The measure would legalize Cannabis for adults 21 and older and allow them to possess up to one ounce of marijuana and grow up to three plants.

It would require the Department of Health and Human Services, or another agency designated by the Legislature, to establish an adult-use marijuana program. The program would regulate the production and distribution of Cannabis by October 1, 2023.

Under the measure, the department could license seven cultivation facilities and 18 marijuana stores. Cannabis would be taxed at North Dakota’s 5% sales tax rate.

“Restricted, Regulated, Controlled”

Owen also chaired LegalizeND. That group sponsored a Cannabis legalization initiative that voters rejected in 2018.

He said the biggest difference between Measure 3 of 2018 and this initiative is that “[this initiative] is restricted, regulated, controlled, legal marijuana. This is a marijuana program that is very, very similar to the one that passed the North Dakota State House.”

Nineteen states and the District of Columbia have legalized possession and use of marijuana for adult use. Eleven states and DC legalized marijuana through the ballot initiative process.

“Arresting Adults For Marijuana Doesn’t Make Our Communities Any Safer”

The state cleared New Approach North Dakota to begin the signature drive about three months ago, reports Marijuana Moment.

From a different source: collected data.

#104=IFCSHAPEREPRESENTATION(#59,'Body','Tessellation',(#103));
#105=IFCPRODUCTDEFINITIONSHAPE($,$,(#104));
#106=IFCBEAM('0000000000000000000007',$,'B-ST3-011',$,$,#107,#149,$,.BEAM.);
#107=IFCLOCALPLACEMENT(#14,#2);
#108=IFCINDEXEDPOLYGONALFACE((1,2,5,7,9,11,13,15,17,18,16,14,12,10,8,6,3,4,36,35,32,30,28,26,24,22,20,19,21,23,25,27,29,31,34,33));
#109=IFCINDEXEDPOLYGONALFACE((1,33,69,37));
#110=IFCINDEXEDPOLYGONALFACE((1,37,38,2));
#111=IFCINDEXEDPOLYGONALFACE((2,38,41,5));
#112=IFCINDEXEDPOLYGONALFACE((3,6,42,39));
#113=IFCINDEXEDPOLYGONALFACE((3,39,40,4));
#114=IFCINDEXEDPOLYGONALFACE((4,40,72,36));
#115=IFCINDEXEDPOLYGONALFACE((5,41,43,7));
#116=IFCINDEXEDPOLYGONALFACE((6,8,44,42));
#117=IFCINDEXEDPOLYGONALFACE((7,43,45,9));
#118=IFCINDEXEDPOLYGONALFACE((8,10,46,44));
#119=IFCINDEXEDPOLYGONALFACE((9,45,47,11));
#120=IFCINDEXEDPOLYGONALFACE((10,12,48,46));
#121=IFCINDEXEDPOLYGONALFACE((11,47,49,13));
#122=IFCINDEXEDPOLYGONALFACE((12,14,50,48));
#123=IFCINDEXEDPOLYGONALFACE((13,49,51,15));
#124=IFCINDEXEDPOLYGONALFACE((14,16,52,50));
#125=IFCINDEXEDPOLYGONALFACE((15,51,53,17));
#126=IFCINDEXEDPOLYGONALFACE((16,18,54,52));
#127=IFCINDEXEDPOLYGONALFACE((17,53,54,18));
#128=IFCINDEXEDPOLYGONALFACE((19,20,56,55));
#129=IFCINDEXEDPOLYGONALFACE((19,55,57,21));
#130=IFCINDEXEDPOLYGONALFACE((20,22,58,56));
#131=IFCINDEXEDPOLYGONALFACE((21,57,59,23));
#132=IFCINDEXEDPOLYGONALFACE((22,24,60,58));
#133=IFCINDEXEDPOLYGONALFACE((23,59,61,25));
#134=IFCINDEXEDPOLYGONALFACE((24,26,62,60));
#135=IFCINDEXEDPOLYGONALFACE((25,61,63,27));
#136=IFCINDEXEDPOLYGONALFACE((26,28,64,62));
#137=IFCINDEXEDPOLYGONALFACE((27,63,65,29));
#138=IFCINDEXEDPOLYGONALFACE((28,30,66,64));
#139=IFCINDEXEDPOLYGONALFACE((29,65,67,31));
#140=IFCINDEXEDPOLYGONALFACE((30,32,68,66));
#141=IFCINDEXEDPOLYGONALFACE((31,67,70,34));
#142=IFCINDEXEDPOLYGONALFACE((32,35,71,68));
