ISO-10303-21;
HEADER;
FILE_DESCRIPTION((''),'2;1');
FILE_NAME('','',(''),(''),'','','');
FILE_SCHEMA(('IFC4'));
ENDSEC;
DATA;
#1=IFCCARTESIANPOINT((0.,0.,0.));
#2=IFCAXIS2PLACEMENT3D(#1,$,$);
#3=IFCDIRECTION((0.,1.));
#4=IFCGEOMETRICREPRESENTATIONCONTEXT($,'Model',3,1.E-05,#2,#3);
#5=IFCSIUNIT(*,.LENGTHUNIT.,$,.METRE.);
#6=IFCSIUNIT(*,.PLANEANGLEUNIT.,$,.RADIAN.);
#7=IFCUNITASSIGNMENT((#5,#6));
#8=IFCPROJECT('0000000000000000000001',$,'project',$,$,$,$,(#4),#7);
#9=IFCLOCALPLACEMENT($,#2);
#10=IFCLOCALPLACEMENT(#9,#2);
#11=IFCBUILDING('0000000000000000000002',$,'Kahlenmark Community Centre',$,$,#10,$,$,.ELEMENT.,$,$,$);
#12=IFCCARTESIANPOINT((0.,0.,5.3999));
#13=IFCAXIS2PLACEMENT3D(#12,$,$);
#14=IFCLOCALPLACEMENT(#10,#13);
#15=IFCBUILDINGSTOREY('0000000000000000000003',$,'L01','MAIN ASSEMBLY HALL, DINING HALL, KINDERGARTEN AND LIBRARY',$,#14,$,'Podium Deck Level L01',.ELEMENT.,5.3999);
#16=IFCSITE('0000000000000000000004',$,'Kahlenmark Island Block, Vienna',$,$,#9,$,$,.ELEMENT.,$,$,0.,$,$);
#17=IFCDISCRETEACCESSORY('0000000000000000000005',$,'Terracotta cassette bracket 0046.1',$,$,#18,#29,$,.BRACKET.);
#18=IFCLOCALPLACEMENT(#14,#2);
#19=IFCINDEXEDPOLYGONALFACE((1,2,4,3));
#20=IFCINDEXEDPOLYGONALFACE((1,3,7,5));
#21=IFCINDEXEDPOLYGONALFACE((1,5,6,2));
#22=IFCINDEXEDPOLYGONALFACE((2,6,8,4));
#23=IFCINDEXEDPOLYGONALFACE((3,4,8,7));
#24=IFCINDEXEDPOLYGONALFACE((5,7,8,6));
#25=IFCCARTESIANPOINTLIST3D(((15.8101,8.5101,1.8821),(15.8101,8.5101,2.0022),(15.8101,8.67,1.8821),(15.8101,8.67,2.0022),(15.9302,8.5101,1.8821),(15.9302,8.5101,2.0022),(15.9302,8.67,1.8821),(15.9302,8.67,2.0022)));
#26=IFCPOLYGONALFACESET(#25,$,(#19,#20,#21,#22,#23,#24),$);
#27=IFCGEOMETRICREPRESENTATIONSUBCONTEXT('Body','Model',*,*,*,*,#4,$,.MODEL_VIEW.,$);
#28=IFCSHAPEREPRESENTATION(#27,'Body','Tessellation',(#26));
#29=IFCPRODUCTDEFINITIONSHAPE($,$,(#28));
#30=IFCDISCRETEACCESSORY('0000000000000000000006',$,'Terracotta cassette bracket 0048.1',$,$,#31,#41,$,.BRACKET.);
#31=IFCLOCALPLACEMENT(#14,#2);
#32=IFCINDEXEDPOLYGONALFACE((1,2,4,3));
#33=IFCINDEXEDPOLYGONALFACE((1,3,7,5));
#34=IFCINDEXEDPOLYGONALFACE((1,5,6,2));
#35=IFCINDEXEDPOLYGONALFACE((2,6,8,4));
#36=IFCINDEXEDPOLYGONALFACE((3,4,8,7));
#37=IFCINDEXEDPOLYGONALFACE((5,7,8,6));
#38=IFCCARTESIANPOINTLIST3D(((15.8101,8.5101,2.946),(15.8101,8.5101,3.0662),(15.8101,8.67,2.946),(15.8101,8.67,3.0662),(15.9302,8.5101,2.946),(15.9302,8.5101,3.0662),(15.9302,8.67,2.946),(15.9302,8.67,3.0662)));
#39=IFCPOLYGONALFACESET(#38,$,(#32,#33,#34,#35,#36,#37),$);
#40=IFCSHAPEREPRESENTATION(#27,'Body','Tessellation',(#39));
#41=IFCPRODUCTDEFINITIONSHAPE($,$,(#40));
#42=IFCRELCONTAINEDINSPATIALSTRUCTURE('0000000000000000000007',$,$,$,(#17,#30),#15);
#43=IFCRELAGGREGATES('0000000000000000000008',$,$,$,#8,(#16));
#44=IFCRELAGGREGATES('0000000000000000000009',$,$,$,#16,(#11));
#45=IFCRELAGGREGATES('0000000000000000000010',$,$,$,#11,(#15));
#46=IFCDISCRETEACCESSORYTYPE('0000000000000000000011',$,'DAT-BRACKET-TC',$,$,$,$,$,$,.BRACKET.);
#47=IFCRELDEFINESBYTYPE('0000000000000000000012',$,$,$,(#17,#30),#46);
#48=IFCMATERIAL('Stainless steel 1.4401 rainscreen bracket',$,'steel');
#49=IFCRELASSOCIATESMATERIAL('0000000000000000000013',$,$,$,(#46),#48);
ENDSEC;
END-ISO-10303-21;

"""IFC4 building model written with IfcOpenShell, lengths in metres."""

from ifc_helpers import new_model, si_unit, direction, frame, origin, origin_2d, place, context, subcontext, project, spatial, rectangle, extrude, material, type_object, element, save


model = new_model("IFC4")

# Units and contexts
model_context = context("Model", 3, precision=1e-05, world=origin(), true_north=direction((0.0, 1.0)))
body_context = subcontext(model_context, "Body", "Model", "MODEL_VIEW")
ifc_project = project(units=[si_unit("LENGTHUNIT", "METRE"), si_unit("PLANEANGLEUNIT", "RADIAN")], contexts=[model_context])

# Site, building, storey
site_placement = place(None, origin())
site = spatial("IfcSite", under=ifc_project, at=site_placement, Name="Kahlenmark Island Block, Vienna", CompositionType="ELEMENT", RefElevation=0.0)
building_placement = place(site_placement, origin())
building = spatial("IfcBuilding", under=site, at=building_placement, Name="Kahlenmark Community Centre", CompositionType="ELEMENT")
storey_placement = place(building_placement, frame((0.0, 0.0, 5.3999)))
storey = spatial("IfcBuildingStorey", under=building, at=storey_placement, Name="L01", Description="MAIN ASSEMBLY HALL, DINING HALL, KINDERGARTEN AND LIBRARY", LongName="Podium Deck Level L01", CompositionType="ELEMENT", Elevation=5.3999)

# Discrete accessories
ifc_material_1 = material(Name="Stainless steel 1.4401 rainscreen bracket", Category="steel")
discrete_accessory_type = type_object("IfcDiscreteAccessoryType", Name="DAT-BRACKET-TC", PredefinedType="BRACKET", material=ifc_material_1)
for number, where, z_axis, x_axis, name in (
    (1, (15.8701, 8.5901, 1.8821), (0.0, 0.0, 1.0), (1.0, 0.0, 0.0), "Terracotta cassette bracket 0046.1"),
    (2, (15.8701, 8.5901, 2.946), (0.0, 0.0, 1.0), (1.0, 0.0, 0.0), "Terracotta cassette bracket 0048.1"),
):
    element("IfcDiscreteAccessory", number, at=place(storey_placement, frame(where, z_axis=z_axis, x_axis=x_axis)), inside=storey, type_object=discrete_accessory_type, Name=name, PredefinedType="BRACKET", context=body_context, shape_type="SweptSolid", body=[
        extrude(rectangle(XDim=0.1201, YDim=0.1599, at=origin_2d()), origin(), (0.0, 0.0, 1.0), 0.1201),
    ])

save(model, "model.ifc")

The initiative‘s provisions largely match the House-passed legalization bill ultimately rejected by the Senate.

“It is obvious the status quo of arresting adults for small amounts of marijuana doesn’t make our communities any safer. It only wastes limited law enforcement and court resources,” said New Approach North Dakota Treasurer Mark Friese. ”I’m looking forward to presenting the facts about this issue to more and more voters as November approaches.”

Enthusiastic, Bipartisan Support

Secretary of State Al Jaeger’s office rejected two other ballot initiatives on unrelated issues this cycle after determining many of the signatures those campaigns collected were invalid. But New Approach ND campaign manager David Owens said that they’re confident they took the necessary precautions to ensure that their measure will qualify.

The campaign had already secured more than 21,000 signatures ahead of the weekend. Organizers held events across the state to expand that buffer before Monday’s turn-in deadline.

Owens said the initiative enjoys enthusiastic, bipartisan support. “We are tremendously grateful to the tens of thousands of North Dakotans who signed and our terrific team of signature gatherers,” he said.

Localities Can Ban Cannabis Businesses

The initiative does not provide a pathway for expungements. But activists said they intend to work with the legislature on addressing that issue in 2023.

Local jurisdictions would be able to prohibit Cannabis businesses from operating in their area. Marijuana companies would also be required to adhere to local zoning rules.

Manufacturers would have to pay a $110,000 registration fee every two years. Retailers would need to pay $90,000 biennially. Those funds would support the state’s implementation and administration of the adult-use program. The initiative doesn’t lay out any specific uses of funds collected from these fees beyond administration.

Public consumption would remain prohibited.